A Bayesian Framework for Joint Analysis of Heterogeneous Neuroscience Data

Project Summary

This paper addresses analysis of heterogeneous data, such as ordered, categorical, real and count data. Such data are of interest in our motivating application, cognitive and brain science, in which subjects may answer questionnaires, and also (separately) undergo fMRI interrogation. A contribution of this paper concerns the joint analysis of how people answer questionnaires and how their brain responds to external stimuli (here visual), the latter measured via fMRI.

Themes and Categories

In this paper we ask a novel and practical question, which to our knowledge has not been considered previously: can one predict the fMRI response (here from the amygdala and the ventral striatum) to external stimuli, based upon knowledge of how the subject answers a questionnaire and genetic data?

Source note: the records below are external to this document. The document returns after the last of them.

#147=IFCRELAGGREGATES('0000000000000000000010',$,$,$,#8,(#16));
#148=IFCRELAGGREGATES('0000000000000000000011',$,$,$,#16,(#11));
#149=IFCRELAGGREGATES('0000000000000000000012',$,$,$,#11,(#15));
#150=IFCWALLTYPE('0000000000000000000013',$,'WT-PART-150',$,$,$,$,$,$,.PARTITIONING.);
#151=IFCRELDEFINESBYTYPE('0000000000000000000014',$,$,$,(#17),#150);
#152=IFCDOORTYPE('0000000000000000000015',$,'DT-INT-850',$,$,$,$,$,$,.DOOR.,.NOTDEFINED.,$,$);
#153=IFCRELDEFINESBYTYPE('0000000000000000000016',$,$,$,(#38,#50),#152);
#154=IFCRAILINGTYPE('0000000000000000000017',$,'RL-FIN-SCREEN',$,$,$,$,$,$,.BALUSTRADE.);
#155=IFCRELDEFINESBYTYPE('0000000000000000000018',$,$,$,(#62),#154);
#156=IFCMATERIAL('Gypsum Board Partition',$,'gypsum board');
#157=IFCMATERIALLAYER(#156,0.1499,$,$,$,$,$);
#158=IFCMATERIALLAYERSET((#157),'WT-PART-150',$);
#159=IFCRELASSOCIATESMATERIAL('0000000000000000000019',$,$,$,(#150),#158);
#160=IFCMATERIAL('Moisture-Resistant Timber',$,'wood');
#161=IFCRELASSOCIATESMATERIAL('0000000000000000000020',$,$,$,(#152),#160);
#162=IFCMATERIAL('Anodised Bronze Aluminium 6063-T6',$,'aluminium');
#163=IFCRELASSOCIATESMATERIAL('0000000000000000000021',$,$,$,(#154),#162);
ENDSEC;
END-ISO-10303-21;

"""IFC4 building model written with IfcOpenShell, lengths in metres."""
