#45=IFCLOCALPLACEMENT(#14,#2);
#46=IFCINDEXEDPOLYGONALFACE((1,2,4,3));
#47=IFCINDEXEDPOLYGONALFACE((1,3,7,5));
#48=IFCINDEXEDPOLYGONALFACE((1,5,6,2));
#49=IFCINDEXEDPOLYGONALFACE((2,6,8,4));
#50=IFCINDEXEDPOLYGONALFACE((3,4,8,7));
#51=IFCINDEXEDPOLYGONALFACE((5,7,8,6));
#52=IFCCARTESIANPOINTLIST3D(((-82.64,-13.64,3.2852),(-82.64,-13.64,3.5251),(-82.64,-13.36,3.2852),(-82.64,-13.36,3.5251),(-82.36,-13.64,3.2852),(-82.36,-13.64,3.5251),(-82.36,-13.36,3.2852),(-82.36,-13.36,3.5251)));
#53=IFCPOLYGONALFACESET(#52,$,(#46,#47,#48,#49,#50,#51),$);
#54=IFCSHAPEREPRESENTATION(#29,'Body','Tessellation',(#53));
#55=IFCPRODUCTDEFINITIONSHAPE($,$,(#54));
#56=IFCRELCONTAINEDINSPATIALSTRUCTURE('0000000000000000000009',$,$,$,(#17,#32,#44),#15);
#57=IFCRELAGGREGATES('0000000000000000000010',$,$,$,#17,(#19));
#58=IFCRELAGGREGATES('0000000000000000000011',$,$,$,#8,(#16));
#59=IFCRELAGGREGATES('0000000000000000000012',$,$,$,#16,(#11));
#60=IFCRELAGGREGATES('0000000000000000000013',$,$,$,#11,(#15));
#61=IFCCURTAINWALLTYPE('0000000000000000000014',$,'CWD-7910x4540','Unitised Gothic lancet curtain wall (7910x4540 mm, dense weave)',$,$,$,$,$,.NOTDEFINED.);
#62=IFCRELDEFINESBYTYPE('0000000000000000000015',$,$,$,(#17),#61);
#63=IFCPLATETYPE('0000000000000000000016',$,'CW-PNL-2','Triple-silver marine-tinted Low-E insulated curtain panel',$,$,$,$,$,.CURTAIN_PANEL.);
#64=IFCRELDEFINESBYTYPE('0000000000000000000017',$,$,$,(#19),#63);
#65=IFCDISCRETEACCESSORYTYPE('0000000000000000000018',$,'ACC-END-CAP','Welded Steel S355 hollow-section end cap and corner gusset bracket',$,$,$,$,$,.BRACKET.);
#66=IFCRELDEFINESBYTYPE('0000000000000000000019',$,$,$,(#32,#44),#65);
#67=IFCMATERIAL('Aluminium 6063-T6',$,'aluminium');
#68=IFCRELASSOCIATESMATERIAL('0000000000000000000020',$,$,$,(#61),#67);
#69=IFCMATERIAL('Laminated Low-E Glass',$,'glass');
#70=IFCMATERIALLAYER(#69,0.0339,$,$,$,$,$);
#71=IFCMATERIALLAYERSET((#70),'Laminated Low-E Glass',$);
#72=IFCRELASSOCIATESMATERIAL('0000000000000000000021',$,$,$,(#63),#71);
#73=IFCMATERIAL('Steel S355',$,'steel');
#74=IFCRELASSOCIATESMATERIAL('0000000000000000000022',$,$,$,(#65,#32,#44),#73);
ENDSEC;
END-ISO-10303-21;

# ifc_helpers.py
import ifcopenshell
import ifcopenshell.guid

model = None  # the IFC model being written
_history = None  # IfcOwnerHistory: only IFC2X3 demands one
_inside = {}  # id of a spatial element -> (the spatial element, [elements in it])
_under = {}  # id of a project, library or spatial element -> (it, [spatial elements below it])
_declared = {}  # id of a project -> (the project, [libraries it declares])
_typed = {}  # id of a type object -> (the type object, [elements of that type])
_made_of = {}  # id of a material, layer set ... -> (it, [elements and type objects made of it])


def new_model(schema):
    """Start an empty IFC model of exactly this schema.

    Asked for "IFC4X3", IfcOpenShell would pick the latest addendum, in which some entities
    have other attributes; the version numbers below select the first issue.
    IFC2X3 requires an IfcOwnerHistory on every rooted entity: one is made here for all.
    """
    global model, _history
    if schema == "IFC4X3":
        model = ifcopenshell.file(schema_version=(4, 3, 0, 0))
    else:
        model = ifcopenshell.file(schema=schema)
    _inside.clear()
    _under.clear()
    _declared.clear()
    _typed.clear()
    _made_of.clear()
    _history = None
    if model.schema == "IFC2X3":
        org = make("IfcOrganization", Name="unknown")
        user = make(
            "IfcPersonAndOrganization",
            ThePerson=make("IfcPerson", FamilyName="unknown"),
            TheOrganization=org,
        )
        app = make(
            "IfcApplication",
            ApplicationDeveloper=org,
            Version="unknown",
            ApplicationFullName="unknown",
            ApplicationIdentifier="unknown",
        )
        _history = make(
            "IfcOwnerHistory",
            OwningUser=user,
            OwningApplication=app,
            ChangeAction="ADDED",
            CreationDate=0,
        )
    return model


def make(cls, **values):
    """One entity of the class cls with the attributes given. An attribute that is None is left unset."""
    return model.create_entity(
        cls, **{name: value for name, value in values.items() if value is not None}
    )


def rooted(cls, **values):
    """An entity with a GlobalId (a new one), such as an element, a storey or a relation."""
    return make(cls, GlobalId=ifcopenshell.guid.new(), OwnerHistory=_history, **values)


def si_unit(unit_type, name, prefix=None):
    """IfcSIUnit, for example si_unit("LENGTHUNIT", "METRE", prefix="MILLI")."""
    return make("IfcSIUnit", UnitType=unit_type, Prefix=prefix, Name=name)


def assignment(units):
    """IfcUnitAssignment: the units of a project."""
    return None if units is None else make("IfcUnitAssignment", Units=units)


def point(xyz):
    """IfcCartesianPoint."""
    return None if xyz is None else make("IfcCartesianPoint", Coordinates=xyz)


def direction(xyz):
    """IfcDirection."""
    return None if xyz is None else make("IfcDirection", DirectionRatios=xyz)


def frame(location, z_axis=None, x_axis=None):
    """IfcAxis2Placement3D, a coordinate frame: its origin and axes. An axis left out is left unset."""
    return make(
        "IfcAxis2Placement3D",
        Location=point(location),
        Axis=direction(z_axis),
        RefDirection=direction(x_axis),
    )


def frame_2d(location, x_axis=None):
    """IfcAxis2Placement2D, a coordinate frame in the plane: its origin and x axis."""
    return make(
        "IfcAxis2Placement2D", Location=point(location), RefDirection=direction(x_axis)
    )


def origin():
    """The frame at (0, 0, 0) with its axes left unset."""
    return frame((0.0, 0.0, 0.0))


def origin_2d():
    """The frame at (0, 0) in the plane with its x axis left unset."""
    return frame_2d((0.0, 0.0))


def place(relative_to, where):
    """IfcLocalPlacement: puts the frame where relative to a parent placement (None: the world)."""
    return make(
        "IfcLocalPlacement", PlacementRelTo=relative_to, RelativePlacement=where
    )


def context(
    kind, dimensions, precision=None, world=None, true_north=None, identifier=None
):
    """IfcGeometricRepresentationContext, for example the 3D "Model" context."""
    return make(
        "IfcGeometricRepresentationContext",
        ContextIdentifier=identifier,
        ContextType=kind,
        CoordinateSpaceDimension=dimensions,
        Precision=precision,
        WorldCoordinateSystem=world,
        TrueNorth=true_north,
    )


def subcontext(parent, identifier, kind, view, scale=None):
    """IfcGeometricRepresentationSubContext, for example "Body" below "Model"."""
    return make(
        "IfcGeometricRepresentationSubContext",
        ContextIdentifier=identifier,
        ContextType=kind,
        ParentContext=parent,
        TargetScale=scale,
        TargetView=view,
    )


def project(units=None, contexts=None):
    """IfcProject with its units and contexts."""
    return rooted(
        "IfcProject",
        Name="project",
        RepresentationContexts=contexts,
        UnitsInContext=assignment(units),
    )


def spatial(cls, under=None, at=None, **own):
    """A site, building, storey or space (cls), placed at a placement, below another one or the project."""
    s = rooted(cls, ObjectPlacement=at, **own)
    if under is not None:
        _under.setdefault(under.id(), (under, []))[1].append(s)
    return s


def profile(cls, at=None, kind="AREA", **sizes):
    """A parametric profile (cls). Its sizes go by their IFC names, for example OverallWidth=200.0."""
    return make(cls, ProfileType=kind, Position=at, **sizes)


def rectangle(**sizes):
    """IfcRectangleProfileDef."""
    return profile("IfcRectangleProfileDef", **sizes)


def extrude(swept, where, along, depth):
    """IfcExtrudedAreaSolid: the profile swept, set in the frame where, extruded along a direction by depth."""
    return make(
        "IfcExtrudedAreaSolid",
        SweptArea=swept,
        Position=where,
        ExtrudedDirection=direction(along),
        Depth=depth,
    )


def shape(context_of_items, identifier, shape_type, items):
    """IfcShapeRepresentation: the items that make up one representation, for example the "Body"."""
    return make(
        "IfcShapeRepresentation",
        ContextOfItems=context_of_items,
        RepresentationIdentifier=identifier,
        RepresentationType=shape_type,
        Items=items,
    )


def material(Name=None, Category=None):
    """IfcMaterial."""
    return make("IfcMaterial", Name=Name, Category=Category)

A new model is developed for joint analysis of ordered, categorical, real and count data. In the motivating application, the ordered and categorical data are answers to questionnaires, the (word) count data correspond to the text questions from the questionnaires, and the real data correspond to fMRI responses for each subject. We also combine the analysis of these data with single-nucleotide polymorphism (SNP) data from each individual. The questionnaires considered here correspond to standard psychological surveys, and the study is motivated by psychology and neuroscience. The proposed Bayesian model infers sparse graphical models (networks) jointly across people, questions, fMRI stimuli and brain activity, integrated within a new matrix factorization based on latent binary features. We demonstrate how the learned model may take fMRI and SNP data from a subject as inputs, and predict (impute) how the individual would answer a psychological questionnaire; going in the other direction, we also use an individual's SNP data and answers from questionnaires to impute unobserved fMRI data. Each of these two imputation settings has practical and theoretical applications for understanding human behavior and mental health, which are discussed.